Could cells use the dNMPs as sources of NTPs for RNA synthesis? This is more complex, as the deoxyribose sugar needs to be removed from each base and replaced with a ribose sugar (cells have no enzyme that could simply create ribose from deoxyribose by adding back the missing oxygen). What cells actually do is remove the deoxyribose and phosphate from the dNMP, and then add ribose plus phosphate to create a NMP which can then be phosphorylated into a NTP. These reactions are included in the metabolic reconstruction; they consume an ATP, but much more will be saved by not having to synthesize the NMP from scratch. The cells also get some energy by metabolizing the deoxyribose-1-phosphate this releases, although this isn't included in the reconstruction. I just checked the pathway: the deoC gene product converts deoxyribose-1-phosphate into glyceraldehyle-3-phosphate plus acetaldehyde - the former feeds into glycolysis but I don't know what happens to the acetaldehyde (maybe ADH converts it to alcohol?).

What about using the dNMPs as sources of carbon (= energy), nitrogen and/or phosphate? Presumably this would only happen when the cell had satisfied its need for dNTPs and NTPs for DNA and RNA synthesis. Our visitor told us that at least some bacteria lack the enzymes needed to break down purine and/or pyrimidine bases; such a cell couldn't use nucleotides as nitrogen sources, and using the sugar for energy might leave cells clogged up with the leftover bases.

This probably isn't a big issue for H. influenzae, as I expect it to only use dNMPs for DNA and maybe RNA synthesis. But if I'm hoping to show that adding DNA to a B. subtilis culture improves growth yield, knowing whether or not it can use the bases could make a big different to my expectations. I've found a paper (Schultz et al. J. Bact. 183:3293) showing that B. subtilis can metabolize purine bases to NH3 and CO2 (with no energy gained but none expended).

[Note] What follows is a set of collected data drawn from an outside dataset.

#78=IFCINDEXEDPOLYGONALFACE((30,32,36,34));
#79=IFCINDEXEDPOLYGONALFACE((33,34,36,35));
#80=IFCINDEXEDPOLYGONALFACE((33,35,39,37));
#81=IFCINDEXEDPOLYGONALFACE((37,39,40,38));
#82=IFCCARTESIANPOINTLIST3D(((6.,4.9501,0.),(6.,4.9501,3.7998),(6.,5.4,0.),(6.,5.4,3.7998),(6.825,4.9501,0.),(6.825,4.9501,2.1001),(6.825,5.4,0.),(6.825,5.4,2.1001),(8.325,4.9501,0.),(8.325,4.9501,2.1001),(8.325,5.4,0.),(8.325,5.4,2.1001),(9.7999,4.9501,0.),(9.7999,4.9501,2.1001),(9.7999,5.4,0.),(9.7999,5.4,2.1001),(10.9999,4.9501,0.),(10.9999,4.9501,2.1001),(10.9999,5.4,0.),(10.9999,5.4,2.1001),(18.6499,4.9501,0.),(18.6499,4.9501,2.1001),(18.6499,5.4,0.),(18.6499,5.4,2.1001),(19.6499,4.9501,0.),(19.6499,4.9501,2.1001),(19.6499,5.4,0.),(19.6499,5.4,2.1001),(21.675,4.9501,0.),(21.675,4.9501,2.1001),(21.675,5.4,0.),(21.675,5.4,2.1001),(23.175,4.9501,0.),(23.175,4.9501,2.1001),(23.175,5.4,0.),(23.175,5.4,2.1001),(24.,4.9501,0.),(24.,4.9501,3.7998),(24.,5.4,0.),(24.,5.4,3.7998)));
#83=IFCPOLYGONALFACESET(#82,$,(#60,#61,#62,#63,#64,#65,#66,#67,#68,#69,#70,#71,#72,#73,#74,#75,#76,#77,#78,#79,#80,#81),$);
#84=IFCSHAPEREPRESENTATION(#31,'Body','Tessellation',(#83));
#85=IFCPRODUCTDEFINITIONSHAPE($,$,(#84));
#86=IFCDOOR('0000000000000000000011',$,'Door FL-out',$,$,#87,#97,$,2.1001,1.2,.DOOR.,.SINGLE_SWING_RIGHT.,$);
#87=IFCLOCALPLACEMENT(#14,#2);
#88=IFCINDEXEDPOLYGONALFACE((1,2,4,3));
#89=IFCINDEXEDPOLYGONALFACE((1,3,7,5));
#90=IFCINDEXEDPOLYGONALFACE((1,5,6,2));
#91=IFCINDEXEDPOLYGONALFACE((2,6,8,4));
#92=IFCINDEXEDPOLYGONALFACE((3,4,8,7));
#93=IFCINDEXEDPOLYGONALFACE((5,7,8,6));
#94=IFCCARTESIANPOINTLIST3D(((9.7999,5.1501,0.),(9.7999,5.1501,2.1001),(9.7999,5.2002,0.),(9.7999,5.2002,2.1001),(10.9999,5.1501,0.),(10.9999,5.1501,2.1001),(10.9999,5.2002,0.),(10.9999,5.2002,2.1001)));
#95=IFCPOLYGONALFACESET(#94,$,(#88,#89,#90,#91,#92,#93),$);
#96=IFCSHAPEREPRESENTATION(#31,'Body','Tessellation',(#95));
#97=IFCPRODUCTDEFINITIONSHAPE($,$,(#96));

And an earlier paper from the same group (Per Nygaard's) gives an overview of nucleoside catabolism by B. subtilis; the basic conclusion is yes they can.

So it looks like feeding B. subtilis DNA is a reasonable idea.


  1. I suggest you doing the real experiments several months later. Some controls lacked in Finkel's experiments. What's more, The only evidence just comes from the gene inactivation experiment and again some necessary controls are not included. Complementary experiments (express corresponding competent genes in-trans in the mutants) have not mentioned in these experiments. Before expanding the concept that DNA can be used as a nutrient, it is better to firmly confirm this in E. coli.

  2. "expanding the concept that DNA can be used as a nutrient"? It hardly originated with E. coli - we first published it in 1993, and Steve Finkel got the idea from one of my students. (Sorry to bitch; it's a sensitive point.)

    E. coli is not a very good system for this, as nobody has yet identified conditions where cells take up measurable amounts of DNA. A naturally competent autotroph like B. subtilis is a much better bet.